Ночью, проснувшись, она смотрела на него, спящего. Лицо у него во сне, когда не владел собою, было суровое, временами подергивалось, обнажая белый оскал зубов.
Что видел он, что приходило к нему в беспокойных его снах? Однажды спросила осторожно:
— Ты какие сны видишь, цветные или черно-белые?
Не ответил, только тень мрачная прошла по лицу.
А она считала дни. Он не сказал, но она чувствовала, спросить боялась: скоро конец его отпуску, раны зажили, скоро опять туда. Светила им вначале полная луна, потом — ровно отрезанная половина, а теперь поздно всходил узкий серп месяца. И, лежа на его плече, вдыхая ставший родным его запах (а если сильно вдохнуть, ударяло в голову, сразу теряла себя), она спросила о том, о чем трудно, неловко было спрашивать:
— Ты почему предохраняешься? Меня бережешь? А может, я хочу от тебя сына. Или доченьку. Не думай, я навязываться не стану и ничего не потребую. Была бы она только моей.
Он протянул руку за сигаретами, щелкнул зажигалкой, глубоко, во всю грудь затянулся. Она ждала. Он курил молча.
— Вот какой ты, ей-богу. Когда надо слово сказать, ты закуриваешь.
Щеки у нее горели.
Конечно, в группе уже все знали про них, и она слышала однажды, как Валька говорила: «Такой мужик, что ж он, лучше себе найти не мог?» Она ревниво ловила на нем взгляды молодых актрисулечек, ей казалось, что на него, и правда, не заглядеться нельзя, и мучилась втихомолку — ей ли с ними соперничать? — но тревога более сильная, не за себя, за него, вытеснила и это.
Как-то, ероша короткие ее волосы на затылке большой своей рукой, сказал:
— Для чего покрасилась, как все? Вот и не узнаю, какой ты масти.
«Может, узнаешь еще», — готово уже было кокетливо соскочить с языка, но страшный смысл его слов пронзил ее.

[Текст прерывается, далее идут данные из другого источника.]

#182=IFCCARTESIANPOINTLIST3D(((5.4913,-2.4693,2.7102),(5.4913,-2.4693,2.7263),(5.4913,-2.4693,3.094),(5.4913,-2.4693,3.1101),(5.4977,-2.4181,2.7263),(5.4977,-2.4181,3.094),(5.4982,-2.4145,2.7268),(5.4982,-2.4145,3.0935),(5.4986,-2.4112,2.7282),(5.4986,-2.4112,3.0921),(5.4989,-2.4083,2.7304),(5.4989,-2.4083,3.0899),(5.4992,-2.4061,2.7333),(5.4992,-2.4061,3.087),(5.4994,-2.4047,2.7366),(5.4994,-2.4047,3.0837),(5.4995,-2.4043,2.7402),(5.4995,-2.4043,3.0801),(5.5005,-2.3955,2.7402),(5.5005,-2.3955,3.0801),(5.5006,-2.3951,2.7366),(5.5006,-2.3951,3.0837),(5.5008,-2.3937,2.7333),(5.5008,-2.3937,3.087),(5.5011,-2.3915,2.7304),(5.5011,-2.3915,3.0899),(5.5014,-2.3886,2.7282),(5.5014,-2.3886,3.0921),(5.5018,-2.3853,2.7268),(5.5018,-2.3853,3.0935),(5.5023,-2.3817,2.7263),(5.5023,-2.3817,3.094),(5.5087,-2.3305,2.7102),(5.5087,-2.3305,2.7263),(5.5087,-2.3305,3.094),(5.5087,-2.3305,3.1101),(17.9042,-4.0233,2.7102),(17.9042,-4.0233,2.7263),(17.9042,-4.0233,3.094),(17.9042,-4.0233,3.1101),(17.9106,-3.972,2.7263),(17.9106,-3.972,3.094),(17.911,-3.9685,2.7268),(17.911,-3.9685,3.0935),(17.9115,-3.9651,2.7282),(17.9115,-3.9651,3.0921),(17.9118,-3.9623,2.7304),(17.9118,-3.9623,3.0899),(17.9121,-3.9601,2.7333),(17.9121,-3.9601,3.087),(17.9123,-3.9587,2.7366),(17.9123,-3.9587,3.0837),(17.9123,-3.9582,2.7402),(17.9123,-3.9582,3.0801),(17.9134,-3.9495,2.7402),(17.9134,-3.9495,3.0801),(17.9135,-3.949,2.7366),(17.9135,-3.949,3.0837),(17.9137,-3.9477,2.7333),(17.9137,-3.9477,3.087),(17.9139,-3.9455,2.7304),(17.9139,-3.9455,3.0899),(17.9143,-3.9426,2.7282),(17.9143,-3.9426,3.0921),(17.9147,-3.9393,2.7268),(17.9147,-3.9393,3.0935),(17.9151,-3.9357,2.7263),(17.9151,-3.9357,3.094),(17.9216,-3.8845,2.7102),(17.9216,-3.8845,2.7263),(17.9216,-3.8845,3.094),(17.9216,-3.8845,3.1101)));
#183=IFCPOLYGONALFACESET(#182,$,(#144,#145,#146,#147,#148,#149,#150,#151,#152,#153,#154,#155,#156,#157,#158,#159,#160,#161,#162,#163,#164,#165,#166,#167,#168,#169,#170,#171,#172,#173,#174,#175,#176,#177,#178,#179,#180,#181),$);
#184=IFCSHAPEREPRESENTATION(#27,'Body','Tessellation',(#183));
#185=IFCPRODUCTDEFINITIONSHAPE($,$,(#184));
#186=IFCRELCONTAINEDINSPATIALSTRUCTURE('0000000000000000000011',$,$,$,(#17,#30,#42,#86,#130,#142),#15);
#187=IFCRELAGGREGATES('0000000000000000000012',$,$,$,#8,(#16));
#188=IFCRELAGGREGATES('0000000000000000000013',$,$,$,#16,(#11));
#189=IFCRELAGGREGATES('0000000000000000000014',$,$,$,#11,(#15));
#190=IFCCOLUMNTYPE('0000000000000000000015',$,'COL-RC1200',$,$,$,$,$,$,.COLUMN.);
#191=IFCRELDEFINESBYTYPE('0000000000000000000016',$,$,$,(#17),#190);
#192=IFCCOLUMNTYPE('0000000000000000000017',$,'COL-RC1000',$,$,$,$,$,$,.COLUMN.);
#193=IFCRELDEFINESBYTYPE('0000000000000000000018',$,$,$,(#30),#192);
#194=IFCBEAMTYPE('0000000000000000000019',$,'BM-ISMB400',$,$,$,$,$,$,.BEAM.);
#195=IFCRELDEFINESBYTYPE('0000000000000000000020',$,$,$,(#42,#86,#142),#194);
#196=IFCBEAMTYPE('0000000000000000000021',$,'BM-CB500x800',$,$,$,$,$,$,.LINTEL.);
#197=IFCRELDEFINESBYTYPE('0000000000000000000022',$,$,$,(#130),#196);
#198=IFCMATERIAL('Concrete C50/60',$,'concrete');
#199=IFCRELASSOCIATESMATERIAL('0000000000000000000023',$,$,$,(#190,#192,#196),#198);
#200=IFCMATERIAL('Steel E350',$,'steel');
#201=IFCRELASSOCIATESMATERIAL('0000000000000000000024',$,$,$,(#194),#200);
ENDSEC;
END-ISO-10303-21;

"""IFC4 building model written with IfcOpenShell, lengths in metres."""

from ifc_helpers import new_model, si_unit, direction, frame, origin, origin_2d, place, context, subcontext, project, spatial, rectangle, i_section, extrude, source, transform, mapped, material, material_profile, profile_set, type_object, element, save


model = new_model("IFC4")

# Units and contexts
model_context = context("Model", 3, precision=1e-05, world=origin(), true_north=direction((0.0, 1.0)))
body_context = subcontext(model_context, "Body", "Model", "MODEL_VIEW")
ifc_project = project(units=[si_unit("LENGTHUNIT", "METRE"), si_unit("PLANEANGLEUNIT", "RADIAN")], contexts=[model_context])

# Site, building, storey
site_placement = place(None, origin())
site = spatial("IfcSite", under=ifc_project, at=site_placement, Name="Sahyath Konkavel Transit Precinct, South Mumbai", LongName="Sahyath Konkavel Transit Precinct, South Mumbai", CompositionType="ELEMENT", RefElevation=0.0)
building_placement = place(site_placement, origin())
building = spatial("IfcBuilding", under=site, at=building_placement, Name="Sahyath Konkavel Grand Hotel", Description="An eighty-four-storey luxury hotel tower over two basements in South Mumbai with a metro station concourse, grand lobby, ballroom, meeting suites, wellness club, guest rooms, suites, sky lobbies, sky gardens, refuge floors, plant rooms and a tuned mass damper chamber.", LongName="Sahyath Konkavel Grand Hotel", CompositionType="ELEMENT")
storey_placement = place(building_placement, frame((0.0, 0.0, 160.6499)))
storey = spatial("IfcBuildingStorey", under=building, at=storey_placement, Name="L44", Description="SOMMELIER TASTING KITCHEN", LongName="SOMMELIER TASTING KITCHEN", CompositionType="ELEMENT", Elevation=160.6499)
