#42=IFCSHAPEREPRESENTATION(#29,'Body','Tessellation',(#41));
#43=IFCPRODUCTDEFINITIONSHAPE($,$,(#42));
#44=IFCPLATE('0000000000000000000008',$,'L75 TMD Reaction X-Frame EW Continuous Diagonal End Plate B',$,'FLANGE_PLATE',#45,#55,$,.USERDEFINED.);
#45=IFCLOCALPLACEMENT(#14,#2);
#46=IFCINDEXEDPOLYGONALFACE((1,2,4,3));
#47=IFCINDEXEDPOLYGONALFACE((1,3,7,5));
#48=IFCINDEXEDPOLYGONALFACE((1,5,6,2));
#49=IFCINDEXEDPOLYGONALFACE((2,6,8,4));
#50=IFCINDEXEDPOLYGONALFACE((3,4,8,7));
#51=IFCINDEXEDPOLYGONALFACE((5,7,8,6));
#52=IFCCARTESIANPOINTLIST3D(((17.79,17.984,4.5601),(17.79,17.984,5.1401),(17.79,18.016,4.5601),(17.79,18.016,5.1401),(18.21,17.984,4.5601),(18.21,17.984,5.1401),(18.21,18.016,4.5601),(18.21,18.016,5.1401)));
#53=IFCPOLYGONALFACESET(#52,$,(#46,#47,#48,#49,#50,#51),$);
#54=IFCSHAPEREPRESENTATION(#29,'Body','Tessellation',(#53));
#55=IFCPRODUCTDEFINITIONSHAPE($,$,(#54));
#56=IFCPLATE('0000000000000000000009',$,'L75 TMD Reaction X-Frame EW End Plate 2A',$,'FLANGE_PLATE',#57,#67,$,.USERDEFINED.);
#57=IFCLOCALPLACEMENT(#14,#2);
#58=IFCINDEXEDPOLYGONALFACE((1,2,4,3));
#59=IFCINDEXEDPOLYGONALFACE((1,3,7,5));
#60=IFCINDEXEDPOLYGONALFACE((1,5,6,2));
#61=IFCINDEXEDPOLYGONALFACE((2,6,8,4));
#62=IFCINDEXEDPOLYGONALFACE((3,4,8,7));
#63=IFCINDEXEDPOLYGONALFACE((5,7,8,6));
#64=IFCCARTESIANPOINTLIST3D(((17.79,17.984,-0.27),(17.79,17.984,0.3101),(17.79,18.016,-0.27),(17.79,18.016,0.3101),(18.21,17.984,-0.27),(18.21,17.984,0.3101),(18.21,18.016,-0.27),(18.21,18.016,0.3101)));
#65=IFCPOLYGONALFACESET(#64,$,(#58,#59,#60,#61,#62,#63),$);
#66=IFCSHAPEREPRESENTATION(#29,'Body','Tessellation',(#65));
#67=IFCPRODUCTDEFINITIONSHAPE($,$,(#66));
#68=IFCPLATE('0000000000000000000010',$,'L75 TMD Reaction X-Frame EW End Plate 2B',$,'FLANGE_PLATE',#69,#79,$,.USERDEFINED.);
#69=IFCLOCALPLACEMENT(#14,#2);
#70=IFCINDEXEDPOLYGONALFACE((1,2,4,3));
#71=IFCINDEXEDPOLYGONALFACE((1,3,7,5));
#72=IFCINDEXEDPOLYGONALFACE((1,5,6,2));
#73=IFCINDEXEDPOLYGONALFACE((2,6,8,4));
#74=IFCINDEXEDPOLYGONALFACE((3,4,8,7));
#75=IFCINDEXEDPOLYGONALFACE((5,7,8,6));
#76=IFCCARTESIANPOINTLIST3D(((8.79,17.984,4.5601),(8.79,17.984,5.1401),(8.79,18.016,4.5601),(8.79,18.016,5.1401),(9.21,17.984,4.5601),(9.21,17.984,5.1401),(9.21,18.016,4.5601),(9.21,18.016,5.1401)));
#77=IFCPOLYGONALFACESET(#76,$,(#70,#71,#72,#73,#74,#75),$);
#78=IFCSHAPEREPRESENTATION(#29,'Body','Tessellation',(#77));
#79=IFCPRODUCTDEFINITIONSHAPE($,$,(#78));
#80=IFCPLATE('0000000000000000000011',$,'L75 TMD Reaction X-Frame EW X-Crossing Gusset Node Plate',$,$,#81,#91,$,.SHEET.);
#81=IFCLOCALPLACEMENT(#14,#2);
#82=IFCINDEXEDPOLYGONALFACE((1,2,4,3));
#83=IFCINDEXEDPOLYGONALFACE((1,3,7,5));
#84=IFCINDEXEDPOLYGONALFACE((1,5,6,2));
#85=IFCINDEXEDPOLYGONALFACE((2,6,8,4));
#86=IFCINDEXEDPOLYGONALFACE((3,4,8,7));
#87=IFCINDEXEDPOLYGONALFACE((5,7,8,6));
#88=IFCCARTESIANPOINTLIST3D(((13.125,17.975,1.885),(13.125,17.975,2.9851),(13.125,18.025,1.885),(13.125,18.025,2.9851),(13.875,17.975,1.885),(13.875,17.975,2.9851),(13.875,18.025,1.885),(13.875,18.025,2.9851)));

«Ты все молчишь», — мысленно упрекала она его. И мысленно разговаривала с ним, казалось ей, он понимает без слов, слышит ее. Улыбка у него была такая обезоруживающая, лишний раз спросить — язык отнимался. Но чувствовала: жалеет ее, и чем дальше, тем больше. И с тихой радостью в душе, которой и сама порой не верила, с тревогой за него постоянной ходила как слепая. Спросить ее, что сегодня делалось на съемках, ясный был день или опять, чертыхаясь, ждали солнца, — не помнила. А недавно только этим и жила.
Любили они на закате под крики чаек и шум набегающих волн уйти далеко по берегу, где уже никого знакомых не встретишь, и тепло ей было в его десантном камуфляжном бушлате, наброшенном ей на плечи; руками, выпростанными из длинных рукавов, сжимает его у горла, а полы едва не до колен. И так стоят они, смотрят, как солнце раскаленное опускается в воды моря, вот скрылось совсем, дальней волной заплеснуло его, но долго еще в небе пылают золотистые облака. Видела же она, видела не раз — и море, и небо, и как солнце садится, — а только сейчас открылась ей вся эта непостижимая красота. И возвращаются, когда уже густо повысыпали звезды над морем.